Other recent films have taken the same tack.  The quite excellent Dawn of the Dead remake puts no effort whatsoever into identifying a cause.  Neither does the admitted parody Sean of the Dead, other than getting in a brief dig at 28 Days Later and it's "bull-" explanation (one might argue that two people who just spent months writing a self-described "love letter" to a director who initially blamed zombies on space rays from Venus might be more forgiving, but...).  Millman's problem, to the extent it exists, is buried in execution, not concept.

And all of that is before we return to the second aspect of the zombie film; the idea that the "other" is coming for you, and that you will be "other" sooner or later too.  Unlike the first aspect, this is not about literal death so much as the loss of self, which is an important distinction because it means the ur-text here is not a ghost story, but Invasion of the Body Snatchers.  Much ink has been spilled over that film's apparent political commentary (which seems abundantly clear, but which was always denied by the director and the author of the novel upon which it was based), but what's interesting for our purposes is the consideration of what exactly the film is implying about Communism.  Is it suggesting that those people who seem the same as everyone else but are actually dirty Commies are willing converts, or simply brainwashed?

People have made both cases, but I tend to favour the former.  The process by which the aliens themselves work is after all not brainwashing, but replacement, and the paranoid idea that these people are all around us and we can't tell lends itself more to the idea that we're surrounded by spies, rather than people snatched from their homes and re-wired, a process which would require an awful lot of willing enemy agents in the first place.

Mainly, though, I think the first option makes the most sense because the second; the idea that Communists somehow have the capacity to brainwash their enemies into becoming like them (a trope that began as early as the final days of the Korean War and still existed at least as late as 2000, with Red Alert 2 containing special Red Army units that could seize the minds of American troops and force them to attack their countrymen) is a far better fit when applied to the zombie film.  It's not just that the zombie is a reminder of one's mortality.  It's something worse than that; it's the idea that the removal of one's self does not necessarily mean your body will stop walking, or that those you love can process their loss and move on.  There's also the mirror of this of course, which is the fear that your loved ones will not just die, but transformed into active agents against you.  It is one thing to be forever reminded of your wife's death.  It is quite another to have her trying to rip your throat out.
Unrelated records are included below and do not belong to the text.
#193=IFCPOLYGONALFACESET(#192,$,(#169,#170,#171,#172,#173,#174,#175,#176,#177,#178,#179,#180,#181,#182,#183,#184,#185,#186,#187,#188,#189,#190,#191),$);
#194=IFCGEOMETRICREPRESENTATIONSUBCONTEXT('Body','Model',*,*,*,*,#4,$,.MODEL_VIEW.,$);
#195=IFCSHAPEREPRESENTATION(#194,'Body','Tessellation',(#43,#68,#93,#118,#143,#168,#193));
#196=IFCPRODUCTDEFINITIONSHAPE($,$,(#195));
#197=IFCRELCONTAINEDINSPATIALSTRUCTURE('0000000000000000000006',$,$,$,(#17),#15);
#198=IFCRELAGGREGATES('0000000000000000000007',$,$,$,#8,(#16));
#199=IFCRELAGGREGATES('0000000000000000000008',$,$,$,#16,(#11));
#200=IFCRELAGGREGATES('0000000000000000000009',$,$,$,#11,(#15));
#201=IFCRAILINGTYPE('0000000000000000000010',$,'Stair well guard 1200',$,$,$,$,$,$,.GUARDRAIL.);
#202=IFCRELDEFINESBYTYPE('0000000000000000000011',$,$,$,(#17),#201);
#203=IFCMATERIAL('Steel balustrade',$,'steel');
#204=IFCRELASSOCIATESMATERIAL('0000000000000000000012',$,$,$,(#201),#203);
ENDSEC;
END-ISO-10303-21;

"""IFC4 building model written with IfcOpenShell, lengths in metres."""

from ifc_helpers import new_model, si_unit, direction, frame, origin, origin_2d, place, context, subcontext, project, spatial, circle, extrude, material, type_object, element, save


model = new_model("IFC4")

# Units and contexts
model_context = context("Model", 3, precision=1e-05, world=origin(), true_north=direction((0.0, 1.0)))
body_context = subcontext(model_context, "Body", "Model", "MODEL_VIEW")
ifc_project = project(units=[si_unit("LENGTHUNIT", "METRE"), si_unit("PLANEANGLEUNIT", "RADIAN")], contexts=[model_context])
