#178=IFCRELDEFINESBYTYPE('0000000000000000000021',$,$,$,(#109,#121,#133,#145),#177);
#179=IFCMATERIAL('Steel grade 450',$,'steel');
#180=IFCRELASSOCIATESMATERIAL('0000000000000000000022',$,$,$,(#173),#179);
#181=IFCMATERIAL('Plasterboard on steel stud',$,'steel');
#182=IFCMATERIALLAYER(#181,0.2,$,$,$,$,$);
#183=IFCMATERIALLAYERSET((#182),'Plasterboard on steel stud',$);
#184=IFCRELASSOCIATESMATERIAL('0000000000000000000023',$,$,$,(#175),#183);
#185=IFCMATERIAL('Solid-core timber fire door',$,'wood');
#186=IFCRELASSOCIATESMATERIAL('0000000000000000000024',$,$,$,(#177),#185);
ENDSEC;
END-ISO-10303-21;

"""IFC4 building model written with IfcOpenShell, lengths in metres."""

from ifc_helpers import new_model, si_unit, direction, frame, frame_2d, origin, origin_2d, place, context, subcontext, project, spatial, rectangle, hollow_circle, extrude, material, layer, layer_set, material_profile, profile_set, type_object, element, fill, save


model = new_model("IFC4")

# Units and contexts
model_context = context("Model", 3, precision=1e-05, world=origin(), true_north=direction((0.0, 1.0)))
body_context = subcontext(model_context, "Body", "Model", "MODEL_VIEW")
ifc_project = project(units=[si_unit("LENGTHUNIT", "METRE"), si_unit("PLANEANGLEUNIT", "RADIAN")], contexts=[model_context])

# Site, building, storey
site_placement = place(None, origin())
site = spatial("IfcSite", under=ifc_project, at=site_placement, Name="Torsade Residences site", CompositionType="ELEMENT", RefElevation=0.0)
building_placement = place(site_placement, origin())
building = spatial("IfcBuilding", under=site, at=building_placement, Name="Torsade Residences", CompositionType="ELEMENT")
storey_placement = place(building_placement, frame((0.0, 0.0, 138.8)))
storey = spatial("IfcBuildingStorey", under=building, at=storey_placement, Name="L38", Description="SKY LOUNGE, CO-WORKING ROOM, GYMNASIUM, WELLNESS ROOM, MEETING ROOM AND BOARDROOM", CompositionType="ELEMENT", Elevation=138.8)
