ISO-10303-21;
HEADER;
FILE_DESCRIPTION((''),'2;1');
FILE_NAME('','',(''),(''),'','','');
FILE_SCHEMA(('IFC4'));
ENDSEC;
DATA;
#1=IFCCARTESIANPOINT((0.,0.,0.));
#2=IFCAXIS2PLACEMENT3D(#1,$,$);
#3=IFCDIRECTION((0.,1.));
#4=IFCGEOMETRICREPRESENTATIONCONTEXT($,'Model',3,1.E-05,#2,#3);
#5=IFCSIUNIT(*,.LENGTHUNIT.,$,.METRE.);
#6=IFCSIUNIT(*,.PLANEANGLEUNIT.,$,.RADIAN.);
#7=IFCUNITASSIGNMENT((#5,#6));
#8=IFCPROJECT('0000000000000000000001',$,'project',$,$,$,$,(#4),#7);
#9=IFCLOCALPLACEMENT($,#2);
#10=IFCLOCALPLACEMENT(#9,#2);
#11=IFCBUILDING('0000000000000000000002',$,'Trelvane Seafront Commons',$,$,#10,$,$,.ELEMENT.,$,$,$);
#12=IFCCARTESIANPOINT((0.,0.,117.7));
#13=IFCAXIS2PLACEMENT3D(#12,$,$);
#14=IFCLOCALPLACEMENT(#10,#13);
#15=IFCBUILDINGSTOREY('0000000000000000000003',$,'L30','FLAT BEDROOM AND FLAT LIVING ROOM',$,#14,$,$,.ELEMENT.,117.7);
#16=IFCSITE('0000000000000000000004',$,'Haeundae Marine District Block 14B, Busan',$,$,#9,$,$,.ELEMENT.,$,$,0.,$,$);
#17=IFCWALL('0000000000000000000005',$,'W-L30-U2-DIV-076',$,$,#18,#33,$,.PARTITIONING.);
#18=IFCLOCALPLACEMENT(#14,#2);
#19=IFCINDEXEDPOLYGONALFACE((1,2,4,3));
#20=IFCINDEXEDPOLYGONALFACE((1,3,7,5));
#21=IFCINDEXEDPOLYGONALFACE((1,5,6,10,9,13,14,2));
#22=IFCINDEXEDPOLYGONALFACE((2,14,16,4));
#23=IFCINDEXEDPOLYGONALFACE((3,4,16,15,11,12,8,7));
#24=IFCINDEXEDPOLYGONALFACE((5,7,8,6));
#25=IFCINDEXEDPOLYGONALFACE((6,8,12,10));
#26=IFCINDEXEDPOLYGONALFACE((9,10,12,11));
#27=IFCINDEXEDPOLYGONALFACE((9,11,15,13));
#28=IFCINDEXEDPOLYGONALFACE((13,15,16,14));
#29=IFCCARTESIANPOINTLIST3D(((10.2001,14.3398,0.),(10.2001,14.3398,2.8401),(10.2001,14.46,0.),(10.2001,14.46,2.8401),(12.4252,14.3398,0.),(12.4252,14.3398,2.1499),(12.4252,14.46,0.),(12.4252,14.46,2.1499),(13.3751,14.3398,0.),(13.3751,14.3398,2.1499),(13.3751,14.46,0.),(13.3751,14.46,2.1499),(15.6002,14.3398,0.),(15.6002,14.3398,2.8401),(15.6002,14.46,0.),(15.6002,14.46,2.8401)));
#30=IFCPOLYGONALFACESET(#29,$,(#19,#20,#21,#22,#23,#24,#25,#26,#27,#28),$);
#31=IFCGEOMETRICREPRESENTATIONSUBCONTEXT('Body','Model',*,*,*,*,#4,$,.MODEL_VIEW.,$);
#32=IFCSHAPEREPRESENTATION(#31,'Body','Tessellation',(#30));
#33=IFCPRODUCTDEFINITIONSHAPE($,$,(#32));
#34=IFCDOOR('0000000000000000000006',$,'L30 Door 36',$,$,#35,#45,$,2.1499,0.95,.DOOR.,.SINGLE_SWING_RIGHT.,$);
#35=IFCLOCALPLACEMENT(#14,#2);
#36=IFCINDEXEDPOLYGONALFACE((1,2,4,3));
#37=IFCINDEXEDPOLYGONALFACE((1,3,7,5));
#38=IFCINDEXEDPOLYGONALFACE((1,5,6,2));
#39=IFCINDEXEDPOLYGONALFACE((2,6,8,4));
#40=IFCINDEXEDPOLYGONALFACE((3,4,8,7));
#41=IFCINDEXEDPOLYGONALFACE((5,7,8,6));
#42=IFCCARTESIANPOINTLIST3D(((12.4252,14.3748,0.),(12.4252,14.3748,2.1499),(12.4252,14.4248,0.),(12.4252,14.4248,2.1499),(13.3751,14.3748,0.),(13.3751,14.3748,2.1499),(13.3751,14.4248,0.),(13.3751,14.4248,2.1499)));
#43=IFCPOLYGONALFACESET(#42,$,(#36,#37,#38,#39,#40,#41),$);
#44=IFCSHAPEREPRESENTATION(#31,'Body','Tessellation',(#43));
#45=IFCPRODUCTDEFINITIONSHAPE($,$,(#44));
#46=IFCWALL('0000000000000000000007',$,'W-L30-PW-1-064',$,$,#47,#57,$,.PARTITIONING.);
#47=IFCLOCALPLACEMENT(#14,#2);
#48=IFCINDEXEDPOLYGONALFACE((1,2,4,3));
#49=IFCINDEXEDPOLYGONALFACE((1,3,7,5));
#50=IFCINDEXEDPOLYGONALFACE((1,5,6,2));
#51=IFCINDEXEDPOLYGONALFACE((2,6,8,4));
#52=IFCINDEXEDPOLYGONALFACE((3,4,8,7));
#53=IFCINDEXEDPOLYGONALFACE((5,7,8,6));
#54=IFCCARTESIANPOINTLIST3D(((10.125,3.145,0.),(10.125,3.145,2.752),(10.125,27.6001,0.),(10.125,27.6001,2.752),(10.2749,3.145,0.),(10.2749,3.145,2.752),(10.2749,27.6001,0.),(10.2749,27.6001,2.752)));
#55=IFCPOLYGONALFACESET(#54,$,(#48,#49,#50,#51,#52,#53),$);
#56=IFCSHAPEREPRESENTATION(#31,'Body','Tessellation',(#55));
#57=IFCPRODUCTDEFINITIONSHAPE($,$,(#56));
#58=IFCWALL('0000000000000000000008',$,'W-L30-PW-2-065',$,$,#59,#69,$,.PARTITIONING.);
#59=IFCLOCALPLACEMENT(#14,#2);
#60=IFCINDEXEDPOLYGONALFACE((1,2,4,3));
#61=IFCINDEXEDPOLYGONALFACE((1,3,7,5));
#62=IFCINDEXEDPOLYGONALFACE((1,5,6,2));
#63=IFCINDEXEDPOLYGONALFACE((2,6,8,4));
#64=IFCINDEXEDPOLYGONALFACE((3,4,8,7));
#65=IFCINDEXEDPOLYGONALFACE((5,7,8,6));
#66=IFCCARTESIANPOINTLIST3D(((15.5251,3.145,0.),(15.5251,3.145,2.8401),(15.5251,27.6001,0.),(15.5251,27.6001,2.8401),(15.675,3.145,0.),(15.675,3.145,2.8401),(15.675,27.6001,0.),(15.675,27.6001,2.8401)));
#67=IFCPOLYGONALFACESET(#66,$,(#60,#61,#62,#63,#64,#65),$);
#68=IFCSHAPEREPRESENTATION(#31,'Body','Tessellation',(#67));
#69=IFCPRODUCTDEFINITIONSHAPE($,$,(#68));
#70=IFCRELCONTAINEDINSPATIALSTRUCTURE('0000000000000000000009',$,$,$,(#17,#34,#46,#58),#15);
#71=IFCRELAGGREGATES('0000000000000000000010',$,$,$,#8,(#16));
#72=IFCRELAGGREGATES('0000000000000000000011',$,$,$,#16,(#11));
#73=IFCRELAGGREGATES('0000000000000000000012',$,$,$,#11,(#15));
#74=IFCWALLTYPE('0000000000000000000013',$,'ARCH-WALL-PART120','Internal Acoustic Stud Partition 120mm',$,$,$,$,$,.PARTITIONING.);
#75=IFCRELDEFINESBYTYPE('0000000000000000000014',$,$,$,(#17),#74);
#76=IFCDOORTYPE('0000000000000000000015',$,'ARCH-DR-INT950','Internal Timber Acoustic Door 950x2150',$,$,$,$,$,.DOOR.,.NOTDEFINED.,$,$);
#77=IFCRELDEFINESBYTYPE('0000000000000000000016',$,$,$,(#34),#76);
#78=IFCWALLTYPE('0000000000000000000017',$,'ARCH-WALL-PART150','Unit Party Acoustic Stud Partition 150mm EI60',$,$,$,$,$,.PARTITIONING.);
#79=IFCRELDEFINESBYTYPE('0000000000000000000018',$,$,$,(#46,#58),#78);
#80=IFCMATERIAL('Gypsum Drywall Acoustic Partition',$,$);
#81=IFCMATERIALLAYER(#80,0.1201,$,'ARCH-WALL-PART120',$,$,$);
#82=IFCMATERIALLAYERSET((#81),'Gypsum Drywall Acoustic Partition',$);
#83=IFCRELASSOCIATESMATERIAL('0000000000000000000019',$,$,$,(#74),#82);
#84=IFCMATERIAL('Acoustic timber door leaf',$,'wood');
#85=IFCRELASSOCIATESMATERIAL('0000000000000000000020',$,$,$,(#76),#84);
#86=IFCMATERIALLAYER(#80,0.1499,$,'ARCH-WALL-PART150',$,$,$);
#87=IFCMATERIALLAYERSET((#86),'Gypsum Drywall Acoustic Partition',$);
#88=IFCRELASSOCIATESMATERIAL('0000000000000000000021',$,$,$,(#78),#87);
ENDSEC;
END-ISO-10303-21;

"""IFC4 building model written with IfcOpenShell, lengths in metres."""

from ifc_helpers import new_model, si_unit, direction, frame, frame_2d, origin, place, context, subcontext, project, spatial, rectangle, extrude, source, transform, mapped, material, layer, layer_set, type_object, element, fill, save


model = new_model("IFC4")

# Units and contexts
model_context = context("Model", 3, precision=1e-05, world=origin(), true_north=direction((0.0, 1.0)))
body_context = subcontext(model_context, "Body", "Model", "MODEL_VIEW")
ifc_project = project(units=[si_unit("LENGTHUNIT", "METRE"), si_unit("PLANEANGLEUNIT", "RADIAN")], contexts=[model_context])

# Site, building, storey
site_placement = place(None, origin())
site = spatial("IfcSite", under=ifc_project, at=site_placement, Name="Haeundae Marine District Block 14B, Busan", CompositionType="ELEMENT", RefElevation=0.0)
building_placement = place(site_placement, origin())
building = spatial("IfcBuilding", under=site, at=building_placement, Name="Trelvane Seafront Commons", CompositionType="ELEMENT")
storey_placement = place(building_placement, frame((0.0, 0.0, 117.7)))
storey = spatial("IfcBuildingStorey", under=building, at=storey_placement, Name="L30", Description="FLAT BEDROOM AND FLAT LIVING ROOM", CompositionType="ELEMENT", Elevation=117.7)

# Wall, opening, door
ifc_material_1 = material(Name="Gypsum Drywall Acoustic Partition")
ifc_layer_1 = layer(ifc_material_1, 0.1201, Name="ARCH-WALL-PART120")
ifc_layer_set_1 = layer_set([ifc_layer_1], Name="Gypsum Drywall Acoustic Partition")
wall_type_1 = type_object("IfcWallType", Name="ARCH-WALL-PART120", Description="Internal Acoustic Stud Partition 120mm", PredefinedType="PARTITIONING", material=ifc_layer_set_1)
wall_1_placement = place(storey_placement, frame((10.2, 14.3999, 0.0), z_axis=(0.0, 0.0, 1.0), x_axis=(1.0, 0.0, 0.0)))
wall_1 = element("IfcWall", 1, at=wall_1_placement, inside=storey, type_object=wall_type_1, Name="W-L30-U2-DIV-076", PredefinedType="PARTITIONING", context=body_context, shape_type="SweptSolid", body=[
    extrude(rectangle(XDim=5.4001, YDim=0.1201, at=frame_2d((2.7002, 0.0))), origin(), (0.0, 0.0, 1.0), 2.8401),
])
opening_1_placement = place(wall_1_placement, frame((2.2251, 0.0, 0.0)))
opening_1 = element("IfcOpeningElement", 2, at=opening_1_placement, cuts=wall_1, PredefinedType="OPENING", context=body_context, shape_type="SweptSolid", body=[
    extrude(rectangle(XDim=0.95, YDim=2.1499, at=frame_2d((0.4751, 1.075))), frame((0.0, 0.0701, 0.0), z_axis=(0.0, -1.0, 0.0), x_axis=(1.0, 0.0, 0.0)), (0.0, 0.0, 1.0), 0.1401),
])
ifc_material_2 = material(Name="Acoustic timber door leaf", Category="wood")
door_type = type_object("IfcDoorType", Name="ARCH-DR-INT950", Description="Internal Timber Acoustic Door 950x2150", OperationType="NOTDEFINED", PredefinedType="DOOR", material=ifc_material_2)
shared_shape_1 = source(origin(), body_context, "Body", "SweptSolid", [
    extrude(rectangle(XDim=0.95, YDim=2.1499, at=frame_2d((0.4751, 1.075))), frame((0.0, 0.0249, 0.0), z_axis=(0.0, -1.0, 0.0), x_axis=(1.0, 0.0, 0.0)), (0.0, 0.0, 1.0), 0.05),
])
door_1_placement = place(opening_1_placement, origin())
door_1 = element("IfcDoor", 3, at=door_1_placement, inside=storey, type_object=door_type, Name="L30 Door 36", OperationType="SINGLE_SWING_RIGHT", OverallHeight=2.1499, OverallWidth=0.95, PredefinedType="DOOR", context=body_context, shape_type="MappedRepresentation", body=[
    mapped(shared_shape_1, transform((0.0, 0.0, 0.0), x_axis=(1.0, 0.0, 0.0), y_axis=(0.0, 1.0, 0.0), z_axis=(0.0, 0.0, 1.0), scale=1.0)),
])
fill(opening_1, door_1)

# Walls
ifc_layer_2 = layer(ifc_material_1, 0.1499, Name="ARCH-WALL-PART150")
ifc_layer_set_2 = layer_set([ifc_layer_2], Name="Gypsum Drywall Acoustic Partition")
wall_type_2 = type_object("IfcWallType", Name="ARCH-WALL-PART150", Description="Unit Party Acoustic Stud Partition 150mm EI60", PredefinedType="PARTITIONING", material=ifc_layer_set_2)
wall_2_placement = place(storey_placement, frame((10.2, 3.145, 0.0), z_axis=(0.0, 0.0, 1.0), x_axis=(0.0, 1.0, 0.0)))
element("IfcWall", 4, at=wall_2_placement, inside=storey, type_object=wall_type_2, Name="W-L30-PW-1-064", PredefinedType="PARTITIONING", context=body_context, shape_type="SweptSolid", body=[
    extrude(rectangle(XDim=24.4551, YDim=0.1499, at=frame_2d((12.2275, 0.0))), origin(), (0.0, 0.0, 1.0), 2.752),
])
wall_3_placement = place(storey_placement, frame((15.6001, 3.145, 0.0), z_axis=(0.0, 0.0, 1.0), x_axis=(0.0, 1.0, 0.0)))
element("IfcWall", 5, at=wall_3_placement, inside=storey, type_object=wall_type_2, Name="W-L30-PW-2-065", PredefinedType="PARTITIONING", context=body_context, shape_type="SweptSolid", body=[
    extrude(rectangle(XDim=24.4551, YDim=0.1499, at=frame_2d((12.2275, 0.0))), origin(), (0.0, 0.0, 1.0), 2.8401),
])

save(model, "model.ifc")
In short, then, there is much more going on here than Millman credits, and his main objection is based on a flawed understanding of the genre as a whole.  His secondary complaint, namely that we over-identify with the survivors in these films and therefore fail to focus sufficiently on the violent, crawling death that surrounds them, seems pretty shaky as well, but I've gone on enough for one post, so I'll leave that one unexplored for now.